Her husband was made aware of the situation, and he filed a missing person report the next day, according to the M.E.'s office. The release also says Zhou's cause of death is still pending.

San Diego Fire Rescue and Poway Fire first responders located Zhou with an "altered mental status" inside the storm drain and extracted her Monday afternoon near the border of those two cities.

"What she was doing in there, what drove her in there, how she came to be in there — we are unclear," San Diego Fire-Rescue battalion chief Erik Windsor said after the extraction. "It is very unusual to have someone in there."

Woman missing for several days rescued from storm drain in Poway
A dangerous and dramatic rescue of a woman who was trapped in a canyon storm drain took place near the border of San Diego and Poway. NBC 7's Allison Ash explains how rescuers pulled it off. 

It is very possible that Zhou had been there for days, Windsor said.

Later on Monday, at about 4:30, San Diego police confirmed the victim's identity. Zhou was first reported missing to police on April 3. Flyers that had been posted said she was last seen March 25 near Union Street in downtown San Diego, which is where Zhou and her husband lived together, her mother-in-law told NBC 7 on Monday.

The situation began Monday morning when San Diego detectives were in the area as part of their search for Zhou. While they were here, they heard a woman's voice coming from the storm drain, at which time they called firefighters.

Firefighters set up a unified command center late in the morning in the 14700 block of Beeler Canyon Road, with eight fire-rescue vehicles and a couple patrol cars on the scene as well as a tripod with a rope belayed beneath it into an open manhole.

When SD Fire-Rescue arrived, they determined they needed to access the storm drain system to try to locate the victim, and then San Diego urban search & rescue team members and Poway fire crews entered the storm system. The initial search proved fruitless, however.

"Firefighters were literally inside the .. storm drain, crawling on their stomachs to try to locate the victim," Windsor said, adding later that "when we go in a confined space, we're worried about all sorts of gases, limited oxygen, what's going on in the confined space that are environmentally dangerous to them. There are also animals in those confined spaces."

Rescuers were in the process of calling in a bomb squad with robots to aid in the search, Windsor said, while firefighters were opening manhole covers along the storm drain's path and ultimately locate Zhou in an area uphill from where they had been searching.

Rescuers then set up another tripod over the second manhole not far away, and an ambulance stood by at the ready with medics preparing a stretcher.
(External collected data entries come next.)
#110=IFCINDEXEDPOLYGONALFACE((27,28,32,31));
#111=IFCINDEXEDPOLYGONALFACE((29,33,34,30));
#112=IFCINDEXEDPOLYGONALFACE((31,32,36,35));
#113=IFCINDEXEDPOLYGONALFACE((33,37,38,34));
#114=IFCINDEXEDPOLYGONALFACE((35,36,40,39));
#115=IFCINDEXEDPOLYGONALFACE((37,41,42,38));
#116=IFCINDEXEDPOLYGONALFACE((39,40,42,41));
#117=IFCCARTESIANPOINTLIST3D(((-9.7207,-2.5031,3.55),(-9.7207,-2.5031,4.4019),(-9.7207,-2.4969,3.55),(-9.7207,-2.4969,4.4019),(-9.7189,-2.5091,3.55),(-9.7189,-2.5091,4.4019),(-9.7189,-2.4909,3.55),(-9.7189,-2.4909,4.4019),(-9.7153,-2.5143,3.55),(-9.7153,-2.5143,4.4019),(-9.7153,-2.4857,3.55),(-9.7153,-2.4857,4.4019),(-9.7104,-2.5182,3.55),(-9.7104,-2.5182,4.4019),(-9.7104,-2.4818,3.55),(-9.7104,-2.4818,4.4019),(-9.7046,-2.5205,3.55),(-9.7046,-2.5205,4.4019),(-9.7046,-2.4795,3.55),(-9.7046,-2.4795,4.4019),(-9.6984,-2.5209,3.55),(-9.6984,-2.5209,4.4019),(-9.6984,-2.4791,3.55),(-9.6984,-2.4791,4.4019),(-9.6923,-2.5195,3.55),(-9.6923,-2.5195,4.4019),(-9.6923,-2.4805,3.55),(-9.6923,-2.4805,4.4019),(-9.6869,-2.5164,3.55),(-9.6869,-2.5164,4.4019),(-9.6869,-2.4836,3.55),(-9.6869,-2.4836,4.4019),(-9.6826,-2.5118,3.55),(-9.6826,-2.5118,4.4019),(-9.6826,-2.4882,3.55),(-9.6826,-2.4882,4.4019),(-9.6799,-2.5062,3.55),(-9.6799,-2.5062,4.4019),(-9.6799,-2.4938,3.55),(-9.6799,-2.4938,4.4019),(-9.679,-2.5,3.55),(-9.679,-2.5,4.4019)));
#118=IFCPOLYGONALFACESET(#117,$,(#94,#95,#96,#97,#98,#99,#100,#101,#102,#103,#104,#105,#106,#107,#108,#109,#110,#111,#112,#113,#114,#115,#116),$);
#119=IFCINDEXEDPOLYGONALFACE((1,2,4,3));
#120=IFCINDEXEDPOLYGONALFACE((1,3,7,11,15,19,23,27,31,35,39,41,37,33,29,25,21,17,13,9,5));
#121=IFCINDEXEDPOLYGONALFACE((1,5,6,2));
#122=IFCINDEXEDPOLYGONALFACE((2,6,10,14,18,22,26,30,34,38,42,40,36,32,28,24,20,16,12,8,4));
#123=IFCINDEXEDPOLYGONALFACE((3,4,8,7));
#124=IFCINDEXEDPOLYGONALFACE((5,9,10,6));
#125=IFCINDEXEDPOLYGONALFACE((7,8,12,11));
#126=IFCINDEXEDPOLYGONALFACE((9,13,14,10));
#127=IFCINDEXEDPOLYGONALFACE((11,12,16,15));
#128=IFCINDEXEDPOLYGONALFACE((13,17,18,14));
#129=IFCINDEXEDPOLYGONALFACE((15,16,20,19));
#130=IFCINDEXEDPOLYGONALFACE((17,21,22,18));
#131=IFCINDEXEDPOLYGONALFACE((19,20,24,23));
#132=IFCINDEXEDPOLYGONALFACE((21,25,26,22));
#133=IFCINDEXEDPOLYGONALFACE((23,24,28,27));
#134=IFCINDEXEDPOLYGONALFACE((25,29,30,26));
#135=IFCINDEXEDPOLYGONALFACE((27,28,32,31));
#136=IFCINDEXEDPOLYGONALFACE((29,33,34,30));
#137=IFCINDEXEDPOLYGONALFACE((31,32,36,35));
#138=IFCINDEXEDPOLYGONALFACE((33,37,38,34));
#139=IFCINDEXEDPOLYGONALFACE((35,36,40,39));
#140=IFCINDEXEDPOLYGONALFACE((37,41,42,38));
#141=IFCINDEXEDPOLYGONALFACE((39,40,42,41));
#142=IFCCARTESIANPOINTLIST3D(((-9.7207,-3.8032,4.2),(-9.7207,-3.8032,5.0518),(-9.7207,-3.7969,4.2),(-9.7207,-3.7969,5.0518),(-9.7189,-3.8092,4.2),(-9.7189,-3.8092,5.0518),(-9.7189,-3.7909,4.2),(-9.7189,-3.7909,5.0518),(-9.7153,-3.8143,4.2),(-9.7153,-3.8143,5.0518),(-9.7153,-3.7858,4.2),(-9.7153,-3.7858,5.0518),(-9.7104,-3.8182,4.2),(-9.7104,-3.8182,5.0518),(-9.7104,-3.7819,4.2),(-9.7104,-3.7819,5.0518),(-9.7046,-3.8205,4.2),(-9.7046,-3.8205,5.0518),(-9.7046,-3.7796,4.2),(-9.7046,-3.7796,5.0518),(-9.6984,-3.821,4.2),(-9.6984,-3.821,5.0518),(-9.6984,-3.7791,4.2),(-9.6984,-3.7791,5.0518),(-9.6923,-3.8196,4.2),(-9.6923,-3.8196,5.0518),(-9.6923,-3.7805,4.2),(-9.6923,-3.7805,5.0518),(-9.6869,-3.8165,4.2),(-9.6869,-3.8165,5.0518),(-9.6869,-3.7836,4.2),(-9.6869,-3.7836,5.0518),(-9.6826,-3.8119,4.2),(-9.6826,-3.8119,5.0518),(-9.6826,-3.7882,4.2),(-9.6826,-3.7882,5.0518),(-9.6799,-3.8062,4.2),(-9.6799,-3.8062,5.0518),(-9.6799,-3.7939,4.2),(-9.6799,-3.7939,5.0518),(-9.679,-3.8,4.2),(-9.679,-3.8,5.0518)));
After using a system of ropes and pulleys, first-responders were able to pull Zhou and her rescuer to the surface at about 2:20 p.m. PT. Windsor said at the time that Zhou was taken to the hospital and underwent "lifesaving measures," which sadly failed.

"It is very amazing that we were able to extricate her and get her going to the hospital," Windsor said.

The rescue took place in a fairly isolated stretch of road between a large residential complex and an industrial park off of Scripps Poway Parkway.